Training Generative Adversarial Networks via stochastic Nash games
This work addresses the training instability in GANs, a key issue for researchers and practitioners in generative modeling, by providing a theoretically grounded algorithm with convergence guarantees, though it is incremental as it builds on existing Nash game frameworks.
The paper tackles the challenge of training Generative Adversarial Networks (GANs) by modeling it as a stochastic Nash equilibrium problem and proposes a stochastic relaxed forward-backward (SRFB) algorithm, showing convergence to an exact solution with increasing data and to a neighborhood with few samples under weak monotonicity assumptions, applied to image generation.

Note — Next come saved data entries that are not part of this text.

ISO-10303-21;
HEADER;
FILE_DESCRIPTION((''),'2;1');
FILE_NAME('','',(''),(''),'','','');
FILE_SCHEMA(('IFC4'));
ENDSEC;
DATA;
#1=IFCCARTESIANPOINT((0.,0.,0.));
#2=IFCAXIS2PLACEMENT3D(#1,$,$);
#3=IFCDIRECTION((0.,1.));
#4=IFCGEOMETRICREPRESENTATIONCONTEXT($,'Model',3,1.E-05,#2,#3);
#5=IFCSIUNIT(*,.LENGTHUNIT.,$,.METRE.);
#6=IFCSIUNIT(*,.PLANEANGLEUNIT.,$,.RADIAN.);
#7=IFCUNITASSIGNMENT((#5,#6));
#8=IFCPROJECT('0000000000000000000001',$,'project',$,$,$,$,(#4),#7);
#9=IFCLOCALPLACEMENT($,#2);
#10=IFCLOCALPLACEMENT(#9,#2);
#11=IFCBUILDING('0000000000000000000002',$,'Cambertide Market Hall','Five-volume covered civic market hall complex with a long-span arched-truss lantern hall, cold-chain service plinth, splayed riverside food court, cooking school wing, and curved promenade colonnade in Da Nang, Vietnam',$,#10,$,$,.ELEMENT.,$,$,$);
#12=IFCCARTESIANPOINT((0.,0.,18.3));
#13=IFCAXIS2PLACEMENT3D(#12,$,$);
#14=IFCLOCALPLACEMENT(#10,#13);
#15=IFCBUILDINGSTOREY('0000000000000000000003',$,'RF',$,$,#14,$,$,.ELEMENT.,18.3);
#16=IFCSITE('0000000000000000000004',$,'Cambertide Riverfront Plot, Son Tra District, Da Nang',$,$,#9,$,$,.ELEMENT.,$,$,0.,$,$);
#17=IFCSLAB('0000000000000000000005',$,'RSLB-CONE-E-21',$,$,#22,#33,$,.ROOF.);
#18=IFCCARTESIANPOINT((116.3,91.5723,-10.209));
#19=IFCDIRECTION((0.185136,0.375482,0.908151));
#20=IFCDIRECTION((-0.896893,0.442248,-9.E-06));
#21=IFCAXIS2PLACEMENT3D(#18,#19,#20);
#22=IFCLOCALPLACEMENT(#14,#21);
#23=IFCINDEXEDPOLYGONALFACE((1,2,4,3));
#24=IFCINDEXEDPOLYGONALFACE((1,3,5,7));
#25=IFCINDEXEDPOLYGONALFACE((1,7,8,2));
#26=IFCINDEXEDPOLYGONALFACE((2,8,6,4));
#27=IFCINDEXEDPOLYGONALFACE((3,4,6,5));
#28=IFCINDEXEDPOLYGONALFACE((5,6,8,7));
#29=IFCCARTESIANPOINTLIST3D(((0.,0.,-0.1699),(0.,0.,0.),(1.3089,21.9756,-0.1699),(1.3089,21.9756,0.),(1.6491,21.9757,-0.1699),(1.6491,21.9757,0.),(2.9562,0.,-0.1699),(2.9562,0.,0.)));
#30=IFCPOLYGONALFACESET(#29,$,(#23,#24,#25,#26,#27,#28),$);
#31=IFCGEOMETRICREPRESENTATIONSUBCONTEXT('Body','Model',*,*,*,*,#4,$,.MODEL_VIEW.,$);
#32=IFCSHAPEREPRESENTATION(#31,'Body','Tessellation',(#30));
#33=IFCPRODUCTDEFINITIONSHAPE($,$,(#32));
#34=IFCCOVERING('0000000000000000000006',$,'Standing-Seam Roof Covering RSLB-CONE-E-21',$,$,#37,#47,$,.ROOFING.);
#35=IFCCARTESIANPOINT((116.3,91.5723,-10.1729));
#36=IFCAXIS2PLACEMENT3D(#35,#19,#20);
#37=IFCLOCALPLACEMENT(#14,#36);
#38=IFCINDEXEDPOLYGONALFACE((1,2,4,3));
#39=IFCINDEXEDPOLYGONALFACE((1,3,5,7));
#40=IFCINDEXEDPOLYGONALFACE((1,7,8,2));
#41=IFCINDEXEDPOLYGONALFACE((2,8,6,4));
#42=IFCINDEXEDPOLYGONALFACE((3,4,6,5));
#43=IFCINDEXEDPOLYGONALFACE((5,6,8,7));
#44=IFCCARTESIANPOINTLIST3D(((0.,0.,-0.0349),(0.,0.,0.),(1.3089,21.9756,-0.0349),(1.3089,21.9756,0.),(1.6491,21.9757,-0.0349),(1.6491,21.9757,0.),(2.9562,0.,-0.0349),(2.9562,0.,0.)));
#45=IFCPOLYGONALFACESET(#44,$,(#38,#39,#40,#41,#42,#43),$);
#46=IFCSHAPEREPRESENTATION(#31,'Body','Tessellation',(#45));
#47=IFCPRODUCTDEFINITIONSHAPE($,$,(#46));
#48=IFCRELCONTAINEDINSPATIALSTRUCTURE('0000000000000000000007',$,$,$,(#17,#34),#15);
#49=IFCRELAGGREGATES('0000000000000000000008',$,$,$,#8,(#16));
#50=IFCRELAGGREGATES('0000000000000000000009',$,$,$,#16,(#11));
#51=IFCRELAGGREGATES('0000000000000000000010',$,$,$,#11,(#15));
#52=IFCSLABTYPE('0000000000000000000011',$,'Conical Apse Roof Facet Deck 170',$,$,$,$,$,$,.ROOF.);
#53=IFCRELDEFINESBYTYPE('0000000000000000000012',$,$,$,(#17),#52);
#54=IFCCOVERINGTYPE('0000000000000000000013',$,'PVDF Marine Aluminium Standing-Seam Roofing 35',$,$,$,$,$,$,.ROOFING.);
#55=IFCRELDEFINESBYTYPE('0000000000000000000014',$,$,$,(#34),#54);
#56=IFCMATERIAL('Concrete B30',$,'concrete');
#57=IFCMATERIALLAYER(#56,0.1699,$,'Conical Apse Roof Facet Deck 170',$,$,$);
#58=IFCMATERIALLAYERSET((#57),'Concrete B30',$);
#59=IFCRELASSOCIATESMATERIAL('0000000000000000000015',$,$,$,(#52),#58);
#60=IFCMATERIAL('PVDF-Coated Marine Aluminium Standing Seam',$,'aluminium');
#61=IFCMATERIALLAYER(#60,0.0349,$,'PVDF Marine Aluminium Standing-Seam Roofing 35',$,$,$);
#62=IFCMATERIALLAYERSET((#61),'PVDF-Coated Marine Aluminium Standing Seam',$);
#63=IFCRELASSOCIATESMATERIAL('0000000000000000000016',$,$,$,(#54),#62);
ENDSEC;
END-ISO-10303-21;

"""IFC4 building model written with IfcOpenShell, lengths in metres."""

from ifc_helpers import new_model, si_unit, direction, frame, origin, place, context, subcontext, project, spatial, polyline, outline, extrude, material, layer, layer_set, type_object, element, save


model = new_model("IFC4")

# Units and contexts
model_context = context("Model", 3, precision=1e-05, world=origin(), true_north=direction((0.0, 1.0)))
body_context = subcontext(model_context, "Body", "Model", "MODEL_VIEW")
ifc_project = project(units=[si_unit("LENGTHUNIT", "METRE"), si_unit("PLANEANGLEUNIT", "RADIAN")], contexts=[model_context])

# Site, building, storey
site_placement = place(None, origin())
site = spatial("IfcSite", under=ifc_project, at=site_placement, Name="Cambertide Riverfront Plot, Son Tra District, Da Nang", CompositionType="ELEMENT", RefElevation=0.0)
building_placement = place(site_placement, origin())
building = spatial("IfcBuilding", under=site, at=building_placement, Name="Cambertide Market Hall", Description="Five-volume covered civic market hall complex with a long-span arched-truss lantern hall, cold-chain service plinth, splayed riverside food court, cooking school wing, and curved promenade colonnade in Da Nang, Vietnam", CompositionType="ELEMENT")
storey_placement = place(building_placement, frame((0.0, 0.0, 18.3)))
storey = spatial("IfcBuildingStorey", under=building, at=storey_placement, Name="RF", CompositionType="ELEMENT", Elevation=18.3)

# Slab
ifc_material_1 = material(Name="Concrete B30", Category="concrete")
ifc_layer_1 = layer(ifc_material_1, 0.1699, Name="Conical Apse Roof Facet Deck 170")
ifc_layer_set_1 = layer_set([ifc_layer_1], Name="Concrete B30")
slab_type = type_object("IfcSlabType", Name="Conical Apse Roof Facet Deck 170", PredefinedType="ROOF", material=ifc_layer_set_1)
slab_placement = place(storey_placement, frame((116.3, 91.5723, -10.209), z_axis=(0.185136, 0.375482, 0.908151), x_axis=(-0.896893, 0.442248, -0.000009)))
element("IfcSlab", 1, at=slab_placement, inside=storey, type_object=slab_type, Name="RSLB-CONE-E-21", PredefinedType="ROOF", context=body_context, shape_type="SweptSolid", body=[
    extrude(outline(polyline([(0.0, 0.0), (2.9562, 0.0), (1.6491, 21.9757), (1.3089, 21.9756), (0.0, 0.0)])), origin(), (0.0, 0.0, -1.0), 0.1699),
])

# Covering
ifc_material_2 = material(Name="PVDF-Coated Marine Aluminium Standing Seam", Category="aluminium")
ifc_layer_2 = layer(ifc_material_2, 0.0349, Name="PVDF Marine Aluminium Standing-Seam Roofing 35")
ifc_layer_set_2 = layer_set([ifc_layer_2], Name="PVDF-Coated Marine Aluminium Standing Seam")
covering_type = type_object("IfcCoveringType", Name="PVDF Marine Aluminium Standing-Seam Roofing 35", PredefinedType="ROOFING", material=ifc_layer_set_2)
covering_placement = place(storey_placement, frame((116.3, 91.5723, -10.1729), z_axis=(0.185136, 0.375482, 0.908151), x_axis=(-0.896893, 0.442248, -0.000009)))
element("IfcCovering", 2, at=covering_placement, inside=storey, type_object=covering_type, Name="Standing-Seam Roof Covering RSLB-CONE-E-21", PredefinedType="ROOFING", context=body_context, shape_type="SweptSolid", body=[
    extrude(outline(polyline([(0.0, 0.0), (2.9562, 0.0), (1.6491, 21.9757), (1.3089, 21.9756), (0.0, 0.0)])), origin(), (0.0, 0.0, -1.0), 0.0349),
])

save(model, "model.ifc")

Generative adversarial networks (GANs) are a class of generative models with two antagonistic neural networks: a generator and a discriminator. These two neural networks compete against each other through an adversarial process that can be modeled as a stochastic Nash equilibrium problem. Since the associated training process is challenging, it is fundamental to design reliable algorithms to compute an equilibrium. In this paper, we propose a stochastic relaxed forward-backward (SRFB) algorithm for GANs and we show convergence to an exact solution when an increasing number of data is available. We also show convergence of an averaged variant of the SRFB algorithm to a neighborhood of the solution when only few samples are available. In both cases, convergence is guaranteed when the pseudogradient mapping of the game is monotone. This assumption is among the weakest known in the literature. Moreover, we apply our algorithm to the image generation problem.